Мы хотим, чтобы политики и врачи придерживались принципов, которые помогают им – и нам – поступать правильно, напоминая об обязанностях. Принципы, призывающие уважать права человека, добиваться политической стабильности, обеспечивать национальную безопасность, уважать автономию пациента и делать все возможное для его здоровья и благополучия, играют неоценимую роль, направляя наши решения.
Но правила нельзя применять без учета контекста. Принципы часто вступают в конфликт друг с другом, и потому следует соразмерять их, находя нужный баланс. Если жесткие правила и догмы вытеснят практическую мудрость, необходимую нам для понимания контекста и соизмерения противоречащих требований, мы не сможем осуществить правильный выбор.
Эмпатия имеет решающее значение для практической мудрости – как, впрочем, и отстраненность. Мы не сможем разобраться, как нам следует поступить, пока не поймем, что думают и чувствуют люди, с которыми мы взаимодействуем; но если мы слишком проникнемся их взглядами, то не сможем абстрагироваться и взглянуть на ситуацию со стороны, чтобы увидеть ее более четко. И не только принятые правила мешают нам учиться балансировать между этими кажущимися противоположностями. Есть мощные силы, которые подавляют эмпатию и мешают находить компромисс.

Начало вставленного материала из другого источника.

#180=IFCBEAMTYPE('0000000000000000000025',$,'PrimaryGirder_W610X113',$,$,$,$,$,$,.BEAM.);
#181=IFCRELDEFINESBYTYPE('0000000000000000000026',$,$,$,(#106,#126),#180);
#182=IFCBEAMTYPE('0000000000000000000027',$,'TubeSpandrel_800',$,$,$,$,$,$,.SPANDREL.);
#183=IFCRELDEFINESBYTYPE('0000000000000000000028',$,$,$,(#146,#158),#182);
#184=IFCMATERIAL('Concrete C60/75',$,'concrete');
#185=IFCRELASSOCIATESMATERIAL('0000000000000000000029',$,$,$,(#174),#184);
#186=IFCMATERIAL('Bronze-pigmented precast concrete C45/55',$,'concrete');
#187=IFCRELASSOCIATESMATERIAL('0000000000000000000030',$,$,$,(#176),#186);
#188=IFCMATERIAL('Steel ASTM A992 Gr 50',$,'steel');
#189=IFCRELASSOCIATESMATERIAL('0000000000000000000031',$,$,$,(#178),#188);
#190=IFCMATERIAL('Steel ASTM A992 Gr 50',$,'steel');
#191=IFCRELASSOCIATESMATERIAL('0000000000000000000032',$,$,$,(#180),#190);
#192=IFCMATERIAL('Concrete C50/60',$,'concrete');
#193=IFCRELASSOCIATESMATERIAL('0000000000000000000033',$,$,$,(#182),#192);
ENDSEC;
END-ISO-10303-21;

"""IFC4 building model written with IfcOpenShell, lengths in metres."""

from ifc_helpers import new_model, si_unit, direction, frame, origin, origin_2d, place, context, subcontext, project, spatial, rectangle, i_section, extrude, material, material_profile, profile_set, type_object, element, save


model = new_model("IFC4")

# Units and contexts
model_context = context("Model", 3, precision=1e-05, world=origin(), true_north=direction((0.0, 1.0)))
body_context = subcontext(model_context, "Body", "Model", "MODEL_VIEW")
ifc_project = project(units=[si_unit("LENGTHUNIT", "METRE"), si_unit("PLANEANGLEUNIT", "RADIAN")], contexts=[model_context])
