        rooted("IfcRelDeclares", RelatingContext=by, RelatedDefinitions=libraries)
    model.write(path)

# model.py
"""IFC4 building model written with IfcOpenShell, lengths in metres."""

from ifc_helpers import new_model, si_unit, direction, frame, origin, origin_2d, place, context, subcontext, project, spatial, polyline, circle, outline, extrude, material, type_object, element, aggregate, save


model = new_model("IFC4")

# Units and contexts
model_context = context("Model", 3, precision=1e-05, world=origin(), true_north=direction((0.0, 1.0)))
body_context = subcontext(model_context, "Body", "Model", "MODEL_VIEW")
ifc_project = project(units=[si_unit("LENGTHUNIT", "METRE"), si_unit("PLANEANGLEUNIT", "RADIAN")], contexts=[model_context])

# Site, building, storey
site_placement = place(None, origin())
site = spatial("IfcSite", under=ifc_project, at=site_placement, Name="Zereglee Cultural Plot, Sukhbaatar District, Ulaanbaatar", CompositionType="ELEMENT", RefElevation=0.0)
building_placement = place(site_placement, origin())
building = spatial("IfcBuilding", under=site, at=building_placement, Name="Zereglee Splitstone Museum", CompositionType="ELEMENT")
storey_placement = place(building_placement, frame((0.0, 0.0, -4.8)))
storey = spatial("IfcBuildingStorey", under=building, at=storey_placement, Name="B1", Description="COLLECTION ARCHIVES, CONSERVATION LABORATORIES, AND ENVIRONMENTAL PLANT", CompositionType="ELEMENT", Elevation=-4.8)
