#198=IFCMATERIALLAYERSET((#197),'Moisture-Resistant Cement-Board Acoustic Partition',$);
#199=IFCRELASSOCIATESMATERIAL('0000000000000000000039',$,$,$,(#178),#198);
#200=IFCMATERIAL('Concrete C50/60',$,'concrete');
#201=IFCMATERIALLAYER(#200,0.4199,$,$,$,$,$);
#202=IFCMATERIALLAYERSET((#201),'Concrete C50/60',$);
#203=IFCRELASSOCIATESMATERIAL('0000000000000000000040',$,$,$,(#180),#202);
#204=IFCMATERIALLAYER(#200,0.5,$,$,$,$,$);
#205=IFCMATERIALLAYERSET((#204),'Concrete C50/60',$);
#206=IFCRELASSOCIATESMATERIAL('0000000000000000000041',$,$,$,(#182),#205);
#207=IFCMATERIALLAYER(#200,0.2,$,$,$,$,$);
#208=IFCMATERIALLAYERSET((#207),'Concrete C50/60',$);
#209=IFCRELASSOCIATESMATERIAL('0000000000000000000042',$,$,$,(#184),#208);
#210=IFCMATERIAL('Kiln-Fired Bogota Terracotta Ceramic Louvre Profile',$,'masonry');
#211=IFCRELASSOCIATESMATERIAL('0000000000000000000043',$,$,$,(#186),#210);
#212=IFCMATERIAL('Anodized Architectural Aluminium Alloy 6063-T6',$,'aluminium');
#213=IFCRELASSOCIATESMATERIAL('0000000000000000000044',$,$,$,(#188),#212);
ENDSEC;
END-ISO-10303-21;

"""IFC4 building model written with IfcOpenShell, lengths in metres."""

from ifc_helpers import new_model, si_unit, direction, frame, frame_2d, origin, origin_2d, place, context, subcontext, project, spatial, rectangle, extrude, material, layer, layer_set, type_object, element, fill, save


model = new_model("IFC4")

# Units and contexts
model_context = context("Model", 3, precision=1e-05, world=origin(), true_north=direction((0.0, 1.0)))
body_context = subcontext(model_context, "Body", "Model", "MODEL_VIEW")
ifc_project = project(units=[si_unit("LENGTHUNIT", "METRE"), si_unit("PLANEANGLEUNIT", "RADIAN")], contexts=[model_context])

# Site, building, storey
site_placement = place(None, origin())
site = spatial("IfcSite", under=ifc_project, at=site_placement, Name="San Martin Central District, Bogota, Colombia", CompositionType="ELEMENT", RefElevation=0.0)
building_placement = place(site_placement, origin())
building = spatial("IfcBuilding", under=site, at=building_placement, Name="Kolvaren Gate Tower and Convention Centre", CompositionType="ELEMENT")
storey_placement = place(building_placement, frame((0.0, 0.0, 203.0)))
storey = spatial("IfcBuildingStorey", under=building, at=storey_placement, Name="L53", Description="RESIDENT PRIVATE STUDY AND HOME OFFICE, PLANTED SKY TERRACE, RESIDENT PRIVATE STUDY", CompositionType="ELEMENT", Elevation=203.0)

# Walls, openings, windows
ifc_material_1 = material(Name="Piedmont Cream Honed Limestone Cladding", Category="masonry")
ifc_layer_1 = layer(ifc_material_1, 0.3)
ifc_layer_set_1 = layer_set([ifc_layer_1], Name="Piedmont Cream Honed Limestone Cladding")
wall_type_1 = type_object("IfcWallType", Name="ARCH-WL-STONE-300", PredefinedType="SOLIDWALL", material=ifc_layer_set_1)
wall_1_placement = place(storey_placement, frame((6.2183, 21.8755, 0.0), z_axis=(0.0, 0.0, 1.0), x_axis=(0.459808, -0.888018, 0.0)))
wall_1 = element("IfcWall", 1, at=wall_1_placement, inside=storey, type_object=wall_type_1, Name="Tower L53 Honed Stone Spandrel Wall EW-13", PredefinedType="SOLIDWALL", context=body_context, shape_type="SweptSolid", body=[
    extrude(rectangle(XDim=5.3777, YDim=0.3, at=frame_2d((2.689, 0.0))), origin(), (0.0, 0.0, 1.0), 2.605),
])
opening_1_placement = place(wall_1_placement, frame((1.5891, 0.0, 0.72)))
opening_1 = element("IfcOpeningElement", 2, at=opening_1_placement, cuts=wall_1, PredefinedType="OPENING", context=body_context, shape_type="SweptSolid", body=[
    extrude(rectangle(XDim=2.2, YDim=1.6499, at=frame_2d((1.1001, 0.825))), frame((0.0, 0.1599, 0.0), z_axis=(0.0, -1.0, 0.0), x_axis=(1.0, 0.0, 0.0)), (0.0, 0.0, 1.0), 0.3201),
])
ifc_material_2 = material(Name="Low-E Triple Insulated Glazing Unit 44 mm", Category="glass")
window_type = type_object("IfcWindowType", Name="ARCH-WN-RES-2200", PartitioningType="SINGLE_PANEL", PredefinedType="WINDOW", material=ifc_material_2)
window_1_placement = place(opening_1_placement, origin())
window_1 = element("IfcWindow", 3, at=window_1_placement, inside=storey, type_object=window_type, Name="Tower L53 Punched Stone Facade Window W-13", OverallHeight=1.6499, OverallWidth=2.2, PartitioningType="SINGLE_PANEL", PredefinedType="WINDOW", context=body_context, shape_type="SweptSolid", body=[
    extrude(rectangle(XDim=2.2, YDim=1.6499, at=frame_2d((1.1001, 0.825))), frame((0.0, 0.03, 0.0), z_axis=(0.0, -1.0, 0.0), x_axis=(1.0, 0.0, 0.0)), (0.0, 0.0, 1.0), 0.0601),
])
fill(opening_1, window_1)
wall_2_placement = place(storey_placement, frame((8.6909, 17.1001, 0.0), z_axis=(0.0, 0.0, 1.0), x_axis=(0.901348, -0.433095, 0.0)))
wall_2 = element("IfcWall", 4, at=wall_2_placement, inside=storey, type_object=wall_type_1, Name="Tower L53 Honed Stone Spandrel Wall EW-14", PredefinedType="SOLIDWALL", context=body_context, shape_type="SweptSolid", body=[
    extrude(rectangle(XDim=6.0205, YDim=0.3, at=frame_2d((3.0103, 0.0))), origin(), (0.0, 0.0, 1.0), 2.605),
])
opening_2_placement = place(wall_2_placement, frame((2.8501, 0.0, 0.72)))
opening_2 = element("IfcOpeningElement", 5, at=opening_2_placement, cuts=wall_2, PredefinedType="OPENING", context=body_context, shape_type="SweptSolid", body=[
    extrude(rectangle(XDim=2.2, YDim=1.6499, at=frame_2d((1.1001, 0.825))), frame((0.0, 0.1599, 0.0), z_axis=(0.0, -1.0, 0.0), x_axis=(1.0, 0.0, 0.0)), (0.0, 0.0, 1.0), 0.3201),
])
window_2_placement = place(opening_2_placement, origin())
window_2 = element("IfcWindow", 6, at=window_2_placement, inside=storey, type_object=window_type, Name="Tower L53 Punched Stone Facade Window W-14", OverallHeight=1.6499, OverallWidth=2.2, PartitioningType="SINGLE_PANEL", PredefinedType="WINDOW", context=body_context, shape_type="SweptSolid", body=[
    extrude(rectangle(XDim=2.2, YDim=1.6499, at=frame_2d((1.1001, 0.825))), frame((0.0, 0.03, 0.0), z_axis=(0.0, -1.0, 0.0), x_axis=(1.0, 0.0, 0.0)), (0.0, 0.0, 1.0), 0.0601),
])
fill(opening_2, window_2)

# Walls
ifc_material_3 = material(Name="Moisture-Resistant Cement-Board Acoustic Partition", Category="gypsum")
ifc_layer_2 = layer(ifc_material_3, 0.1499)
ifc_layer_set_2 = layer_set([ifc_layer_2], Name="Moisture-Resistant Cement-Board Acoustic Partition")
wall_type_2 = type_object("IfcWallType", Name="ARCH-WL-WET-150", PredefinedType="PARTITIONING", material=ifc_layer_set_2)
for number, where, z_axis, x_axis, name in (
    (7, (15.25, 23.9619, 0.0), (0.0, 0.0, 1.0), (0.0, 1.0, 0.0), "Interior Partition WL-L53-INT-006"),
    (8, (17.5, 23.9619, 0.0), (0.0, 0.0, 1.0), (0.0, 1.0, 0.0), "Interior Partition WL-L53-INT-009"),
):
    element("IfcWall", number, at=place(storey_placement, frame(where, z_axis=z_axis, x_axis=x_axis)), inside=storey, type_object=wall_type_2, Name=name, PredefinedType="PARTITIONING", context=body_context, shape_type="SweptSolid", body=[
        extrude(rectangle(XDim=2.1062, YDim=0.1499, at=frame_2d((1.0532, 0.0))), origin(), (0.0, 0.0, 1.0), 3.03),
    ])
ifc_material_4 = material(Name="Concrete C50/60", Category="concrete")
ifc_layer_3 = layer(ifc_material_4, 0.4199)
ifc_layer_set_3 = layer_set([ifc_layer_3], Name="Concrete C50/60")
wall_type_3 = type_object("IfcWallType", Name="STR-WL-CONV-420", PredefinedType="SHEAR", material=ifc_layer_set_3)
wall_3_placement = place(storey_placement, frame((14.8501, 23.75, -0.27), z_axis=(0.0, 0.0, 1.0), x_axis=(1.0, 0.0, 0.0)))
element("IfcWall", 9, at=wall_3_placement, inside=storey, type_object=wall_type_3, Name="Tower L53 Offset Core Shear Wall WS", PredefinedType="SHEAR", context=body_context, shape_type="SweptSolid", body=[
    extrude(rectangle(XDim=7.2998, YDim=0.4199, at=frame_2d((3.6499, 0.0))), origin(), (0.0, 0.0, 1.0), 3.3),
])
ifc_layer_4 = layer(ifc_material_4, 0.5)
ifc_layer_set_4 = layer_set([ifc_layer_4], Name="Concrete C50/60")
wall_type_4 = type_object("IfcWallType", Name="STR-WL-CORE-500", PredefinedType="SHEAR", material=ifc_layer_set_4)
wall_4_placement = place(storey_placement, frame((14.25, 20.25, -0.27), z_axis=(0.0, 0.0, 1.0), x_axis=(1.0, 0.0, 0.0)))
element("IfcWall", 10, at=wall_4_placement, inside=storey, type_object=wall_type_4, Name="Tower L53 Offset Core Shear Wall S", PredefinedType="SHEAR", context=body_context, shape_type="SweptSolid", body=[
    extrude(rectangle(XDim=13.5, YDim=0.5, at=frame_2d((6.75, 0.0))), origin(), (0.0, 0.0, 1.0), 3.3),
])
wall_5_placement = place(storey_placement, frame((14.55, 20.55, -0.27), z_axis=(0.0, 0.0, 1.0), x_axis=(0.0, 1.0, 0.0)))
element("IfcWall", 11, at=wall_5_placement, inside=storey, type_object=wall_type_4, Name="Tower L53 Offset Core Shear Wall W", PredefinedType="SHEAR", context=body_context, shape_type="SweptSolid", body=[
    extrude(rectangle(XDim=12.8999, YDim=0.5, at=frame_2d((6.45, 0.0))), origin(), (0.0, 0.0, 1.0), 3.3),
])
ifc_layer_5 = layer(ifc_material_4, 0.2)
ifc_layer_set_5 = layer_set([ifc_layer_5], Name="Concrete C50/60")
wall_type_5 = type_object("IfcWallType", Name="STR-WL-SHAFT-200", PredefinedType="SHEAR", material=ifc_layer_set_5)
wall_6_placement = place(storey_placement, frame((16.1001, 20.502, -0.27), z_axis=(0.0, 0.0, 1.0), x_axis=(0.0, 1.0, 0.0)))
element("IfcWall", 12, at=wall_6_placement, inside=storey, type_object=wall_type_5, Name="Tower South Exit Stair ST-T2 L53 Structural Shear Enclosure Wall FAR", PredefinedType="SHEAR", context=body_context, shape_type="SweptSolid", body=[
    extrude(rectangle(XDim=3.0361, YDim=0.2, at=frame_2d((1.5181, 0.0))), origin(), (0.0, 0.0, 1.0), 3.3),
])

Врачи молодые и старые: вытеснение эмпатии
Разрушение эмпатиив процессе профессиональной подготовки
Доктор Джером Левенштейн, с которым мы уже встречались как с лечащим врачом г-на N, был не только врачом Медицинского центра Нью-Йоркского университета, но также и преподавателем. Он активно участвовал в Программе гуманистической медицины и еженедельно встречался со студентами и другими врачами отделения, чтобы обсудить с ними их опыт и проблемы, возникающие при общении с пациентами. Он понимал, что в основе добросовестной врачебной практики лежит эмпатия, и рассматривал семинары Программы как возможность научить молодых врачей сочувствию и состраданию. На одном из семинаров Левенштейн прямо спросил студентов: «Как вы думаете, мы можем научить вас состраданию?» Повисла неловкая пауза. Ее, наконец, нарушил молодой стажер, в голосе которого звучали одновременно раздражение и стеснение: «Я не знаю, можете ли вы научить состраданию, но вот обратному научить вы точно можете»[94].
«И действительно», – подумал Левенштейн. На этом вечернем семинаре он взялся обсуждать со студентами вещи, о которых не было и речи на их совместных утренних обходах. Врачи редко задумываются о том, как сами пациенты понимают свои заболевания и реагируют на них. Вот и Левенштейн в своей клинической практике был сосредоточен только на патофизиологии – точно так же, как и его преподаватели, когда он сам был студентом. В результате, говорит Левенштейн, он начинал чувствовать глубокий дискомфорт во время обходов, как только понимал, что отклоняется от образа беспристрастного ученого, созданного его учителями.